Netanyahu certainly knows there is no “joint life” in Barkan, only the type of coexistence one finds between a rider and his horse. The Palestinians employed as laborers at the Barkan plants are banned from entering nearby Israeli settlements and are forced to lead their lives under military rule. As with other industrial parks Israel has established in the West Bank, Barkan was built on land considered by the international community (including the United States) and international law as occupied territory. A promise to develop Barkan, located in the heart of the West Bank, is tantamount to a commitment to perpetuate and deepen the Israeli occupation there. Occupation with no hope or end in sight is a surefire recipe for violence. During Netanyahu’s nine years in power, 144 Israelis have been killed and hundreds injured in terror attacks, the vast majority of which occurred in territories under Israeli occupation.

Netanyahu succeeded in mobilizing world powers against Iran’s nuclear program and convinced US President Donald Trump to withdraw from the deal. He was also successful recently in distancing the Iranians from the Israel-Syria border. Israel’s Iron Dome anti-missile systems intercept rockets fired by Hamas at southern Israel, and engineers at Rafael Advanced Defense Systems are busy developing means to intercept incendiary balloons and drones carrying explosives launched from the Gaza Strip. However, no democratic regime is able to defend its citizens against a young man born under occupation who foresees living his entire life without a single day of freedom.

Israeli defense chiefs have repeatedly warned that collective punishment of Palestinians, destruction of suspected terrorist homes and mass arrests of Palestinians do not deter lone terrorists and merely strengthen the hand of rejectionist organizations. The heads of the Israel Defense Forces and the Shin Bet have repeatedly warned the government’s defense Cabinet that the ongoing Gaza border insurrection could spread to the West Bank. The “Iranian nuclear threat” appears to be the least of their concerns for the safety of Israel’s citizenry. The residents of Israel’s Gaza border communities are also far more worried about the incendiary kites and balloons landing daily in their fields and orchards than about Netanyahu’s warnings against Iran’s nuclear bombs.

Netanyahu has built his career on generating terror-phobia as an expert in the relentless fight against terrorism. He has portrayed every diplomatic concession to the Palestinians as a surrender to terrorism and campaigned vociferously against the release of Palestinian terrorists from Israeli jails.

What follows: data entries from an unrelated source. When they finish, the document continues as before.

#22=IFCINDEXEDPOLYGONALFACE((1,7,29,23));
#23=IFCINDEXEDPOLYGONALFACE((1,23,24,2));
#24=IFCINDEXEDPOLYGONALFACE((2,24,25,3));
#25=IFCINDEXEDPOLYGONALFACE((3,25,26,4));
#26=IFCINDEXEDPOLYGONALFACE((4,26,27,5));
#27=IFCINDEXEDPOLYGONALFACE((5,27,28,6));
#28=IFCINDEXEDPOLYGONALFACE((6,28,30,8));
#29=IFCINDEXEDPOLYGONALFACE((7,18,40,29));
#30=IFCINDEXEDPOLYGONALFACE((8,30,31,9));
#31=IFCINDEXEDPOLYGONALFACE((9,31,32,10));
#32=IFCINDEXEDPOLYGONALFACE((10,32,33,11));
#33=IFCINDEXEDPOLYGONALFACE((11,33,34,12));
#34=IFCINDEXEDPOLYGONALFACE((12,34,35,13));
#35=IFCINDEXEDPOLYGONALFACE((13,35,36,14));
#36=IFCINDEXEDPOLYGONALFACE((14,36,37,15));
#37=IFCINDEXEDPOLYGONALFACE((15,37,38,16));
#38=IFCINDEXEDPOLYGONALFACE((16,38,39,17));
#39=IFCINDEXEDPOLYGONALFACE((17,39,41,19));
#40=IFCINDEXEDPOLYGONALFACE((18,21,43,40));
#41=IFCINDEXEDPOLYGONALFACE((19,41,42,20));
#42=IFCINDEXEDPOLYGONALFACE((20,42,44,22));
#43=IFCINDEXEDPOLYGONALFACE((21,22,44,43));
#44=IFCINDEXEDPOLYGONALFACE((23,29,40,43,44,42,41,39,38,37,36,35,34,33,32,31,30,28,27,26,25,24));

Having said this, Oct. 18 will mark seven years since the prisoner swap deal in which Netanyahu ordered the release of over 1,000 Hamas inmates in return for Israeli soldier Gilad Shalit held captive by the organization in Gaza for five years.

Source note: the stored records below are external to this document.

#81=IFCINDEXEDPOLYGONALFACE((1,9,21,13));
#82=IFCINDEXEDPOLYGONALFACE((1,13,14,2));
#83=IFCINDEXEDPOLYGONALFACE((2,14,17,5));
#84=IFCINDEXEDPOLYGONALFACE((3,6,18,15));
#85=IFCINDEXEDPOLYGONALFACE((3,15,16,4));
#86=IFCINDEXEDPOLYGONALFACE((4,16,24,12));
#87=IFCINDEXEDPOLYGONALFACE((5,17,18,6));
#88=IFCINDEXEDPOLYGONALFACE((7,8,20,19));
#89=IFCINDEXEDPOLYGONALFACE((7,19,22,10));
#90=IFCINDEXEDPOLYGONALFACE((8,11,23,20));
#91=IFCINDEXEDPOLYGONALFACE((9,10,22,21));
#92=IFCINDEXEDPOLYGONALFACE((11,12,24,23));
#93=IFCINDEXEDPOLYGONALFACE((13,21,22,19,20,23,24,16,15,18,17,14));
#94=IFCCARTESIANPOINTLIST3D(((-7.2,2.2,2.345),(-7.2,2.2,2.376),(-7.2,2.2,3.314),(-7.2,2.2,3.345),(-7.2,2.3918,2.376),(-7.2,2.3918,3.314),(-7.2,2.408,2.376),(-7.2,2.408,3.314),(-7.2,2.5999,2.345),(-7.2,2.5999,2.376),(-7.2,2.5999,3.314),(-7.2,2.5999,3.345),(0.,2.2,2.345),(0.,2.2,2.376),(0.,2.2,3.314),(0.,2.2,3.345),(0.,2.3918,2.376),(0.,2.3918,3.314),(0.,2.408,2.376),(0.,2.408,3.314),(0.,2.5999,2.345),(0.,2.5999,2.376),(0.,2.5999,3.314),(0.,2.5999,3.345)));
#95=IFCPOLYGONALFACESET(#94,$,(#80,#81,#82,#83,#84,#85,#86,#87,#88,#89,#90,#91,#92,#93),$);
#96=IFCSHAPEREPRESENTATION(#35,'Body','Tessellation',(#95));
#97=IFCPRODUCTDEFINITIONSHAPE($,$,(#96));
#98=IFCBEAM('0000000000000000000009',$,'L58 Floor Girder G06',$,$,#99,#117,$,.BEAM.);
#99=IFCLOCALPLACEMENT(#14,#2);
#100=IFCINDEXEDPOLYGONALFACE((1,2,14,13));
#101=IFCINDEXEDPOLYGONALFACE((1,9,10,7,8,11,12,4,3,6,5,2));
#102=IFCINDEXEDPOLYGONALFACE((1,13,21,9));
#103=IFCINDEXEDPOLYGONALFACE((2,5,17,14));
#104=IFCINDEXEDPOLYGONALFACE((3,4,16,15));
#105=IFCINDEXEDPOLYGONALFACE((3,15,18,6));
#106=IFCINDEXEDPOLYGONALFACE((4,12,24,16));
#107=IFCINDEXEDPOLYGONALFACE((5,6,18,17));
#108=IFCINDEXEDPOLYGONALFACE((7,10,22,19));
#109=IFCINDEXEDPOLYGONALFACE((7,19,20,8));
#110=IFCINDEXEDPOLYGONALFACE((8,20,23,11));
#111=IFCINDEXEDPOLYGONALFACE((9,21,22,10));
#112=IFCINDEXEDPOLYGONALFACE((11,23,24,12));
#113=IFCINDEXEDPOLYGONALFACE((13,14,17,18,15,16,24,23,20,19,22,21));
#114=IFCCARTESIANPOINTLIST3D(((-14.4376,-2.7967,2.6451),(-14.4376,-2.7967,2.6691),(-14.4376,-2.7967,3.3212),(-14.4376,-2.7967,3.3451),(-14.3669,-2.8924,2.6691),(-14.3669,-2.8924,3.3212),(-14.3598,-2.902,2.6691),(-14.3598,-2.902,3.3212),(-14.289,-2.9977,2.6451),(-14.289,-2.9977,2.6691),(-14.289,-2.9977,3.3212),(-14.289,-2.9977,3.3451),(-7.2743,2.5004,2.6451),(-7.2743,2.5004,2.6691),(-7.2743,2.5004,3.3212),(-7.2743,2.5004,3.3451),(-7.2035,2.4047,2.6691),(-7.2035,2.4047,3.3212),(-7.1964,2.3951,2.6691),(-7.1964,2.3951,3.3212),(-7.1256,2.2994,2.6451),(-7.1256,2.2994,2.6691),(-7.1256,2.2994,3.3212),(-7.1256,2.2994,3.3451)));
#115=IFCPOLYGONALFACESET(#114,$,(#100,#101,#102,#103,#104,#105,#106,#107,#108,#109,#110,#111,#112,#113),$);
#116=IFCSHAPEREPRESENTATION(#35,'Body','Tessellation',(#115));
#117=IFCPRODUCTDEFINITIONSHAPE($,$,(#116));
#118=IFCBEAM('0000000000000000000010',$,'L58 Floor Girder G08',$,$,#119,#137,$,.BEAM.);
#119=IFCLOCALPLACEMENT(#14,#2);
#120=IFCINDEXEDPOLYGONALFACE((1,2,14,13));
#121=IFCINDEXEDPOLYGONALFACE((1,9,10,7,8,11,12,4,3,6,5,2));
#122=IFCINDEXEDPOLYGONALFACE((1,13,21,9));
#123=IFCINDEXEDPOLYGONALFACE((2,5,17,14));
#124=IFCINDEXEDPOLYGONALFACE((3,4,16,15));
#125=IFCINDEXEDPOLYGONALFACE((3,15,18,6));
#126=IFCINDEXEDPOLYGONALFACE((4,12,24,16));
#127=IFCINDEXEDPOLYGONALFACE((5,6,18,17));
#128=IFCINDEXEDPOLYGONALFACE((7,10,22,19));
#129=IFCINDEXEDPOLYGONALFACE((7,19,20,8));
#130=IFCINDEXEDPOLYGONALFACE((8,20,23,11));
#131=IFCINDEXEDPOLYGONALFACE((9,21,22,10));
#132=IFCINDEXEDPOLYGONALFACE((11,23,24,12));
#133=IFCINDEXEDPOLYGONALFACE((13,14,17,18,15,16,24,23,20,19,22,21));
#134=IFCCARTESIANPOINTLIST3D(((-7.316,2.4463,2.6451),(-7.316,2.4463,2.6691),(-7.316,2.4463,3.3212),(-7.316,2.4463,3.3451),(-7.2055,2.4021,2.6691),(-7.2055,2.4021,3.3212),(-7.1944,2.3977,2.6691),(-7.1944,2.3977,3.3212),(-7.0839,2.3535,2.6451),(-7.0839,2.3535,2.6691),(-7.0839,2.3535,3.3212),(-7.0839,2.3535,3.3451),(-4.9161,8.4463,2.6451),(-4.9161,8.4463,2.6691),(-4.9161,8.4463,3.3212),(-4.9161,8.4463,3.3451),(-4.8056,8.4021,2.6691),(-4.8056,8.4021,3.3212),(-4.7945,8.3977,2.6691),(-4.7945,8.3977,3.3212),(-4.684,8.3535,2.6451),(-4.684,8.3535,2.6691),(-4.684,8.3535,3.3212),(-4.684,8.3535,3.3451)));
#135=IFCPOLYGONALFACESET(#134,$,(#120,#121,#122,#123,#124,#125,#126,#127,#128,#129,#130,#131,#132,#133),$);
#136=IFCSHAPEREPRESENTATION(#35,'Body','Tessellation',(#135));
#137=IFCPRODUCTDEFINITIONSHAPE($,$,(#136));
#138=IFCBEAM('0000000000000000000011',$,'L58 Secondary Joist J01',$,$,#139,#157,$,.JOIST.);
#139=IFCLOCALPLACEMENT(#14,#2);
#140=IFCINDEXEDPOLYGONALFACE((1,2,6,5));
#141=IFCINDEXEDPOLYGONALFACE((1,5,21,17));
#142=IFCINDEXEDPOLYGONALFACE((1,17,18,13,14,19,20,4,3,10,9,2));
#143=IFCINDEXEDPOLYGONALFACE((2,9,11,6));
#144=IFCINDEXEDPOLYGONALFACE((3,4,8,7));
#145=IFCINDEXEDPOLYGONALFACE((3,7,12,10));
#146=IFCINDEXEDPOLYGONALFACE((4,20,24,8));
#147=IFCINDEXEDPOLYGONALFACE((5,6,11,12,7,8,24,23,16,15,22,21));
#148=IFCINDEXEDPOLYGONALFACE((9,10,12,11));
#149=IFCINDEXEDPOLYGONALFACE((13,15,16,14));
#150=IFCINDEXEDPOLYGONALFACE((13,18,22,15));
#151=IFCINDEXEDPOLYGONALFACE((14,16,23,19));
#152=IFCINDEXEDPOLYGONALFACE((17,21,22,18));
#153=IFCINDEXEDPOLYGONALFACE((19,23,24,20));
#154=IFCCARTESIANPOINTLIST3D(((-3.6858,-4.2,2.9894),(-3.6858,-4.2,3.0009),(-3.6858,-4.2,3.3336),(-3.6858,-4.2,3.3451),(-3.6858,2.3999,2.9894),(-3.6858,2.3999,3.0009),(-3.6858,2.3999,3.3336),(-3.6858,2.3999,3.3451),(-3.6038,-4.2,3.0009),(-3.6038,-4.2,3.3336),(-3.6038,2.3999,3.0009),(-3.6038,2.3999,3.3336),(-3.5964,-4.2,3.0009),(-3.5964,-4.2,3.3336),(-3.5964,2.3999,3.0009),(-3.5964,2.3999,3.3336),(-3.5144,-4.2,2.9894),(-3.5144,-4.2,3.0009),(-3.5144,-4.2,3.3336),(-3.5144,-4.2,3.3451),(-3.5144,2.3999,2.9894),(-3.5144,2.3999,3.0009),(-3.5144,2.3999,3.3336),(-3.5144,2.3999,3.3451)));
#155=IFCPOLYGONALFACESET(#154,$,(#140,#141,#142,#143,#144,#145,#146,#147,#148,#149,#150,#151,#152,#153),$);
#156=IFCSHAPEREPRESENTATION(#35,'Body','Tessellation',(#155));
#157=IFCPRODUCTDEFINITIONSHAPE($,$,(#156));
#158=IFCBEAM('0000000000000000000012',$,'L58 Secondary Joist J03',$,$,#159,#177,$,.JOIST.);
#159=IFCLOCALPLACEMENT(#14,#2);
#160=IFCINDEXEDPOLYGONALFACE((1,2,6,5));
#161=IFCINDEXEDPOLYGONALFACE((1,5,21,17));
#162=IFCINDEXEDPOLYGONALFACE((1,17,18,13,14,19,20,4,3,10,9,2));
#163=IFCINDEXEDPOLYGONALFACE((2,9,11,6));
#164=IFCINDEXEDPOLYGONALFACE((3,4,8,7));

The Iran-phobia Netanyahu has been riding in recent years is a fig leaf designed to ignore the occupation policy of his government. This week, as mentioned, his policy took the lives of two more Israelis. Sadly, they do not appear to be the final victims. Facing this real threat, we are sure to see Netanyahu pursuing his Iran-phobia strategy. Let's prepare for another PowerPoint presentation, depicting a “nuclear facility” in the heart of Tehran and the exposure of missile launchers on the outskirts of Beirut.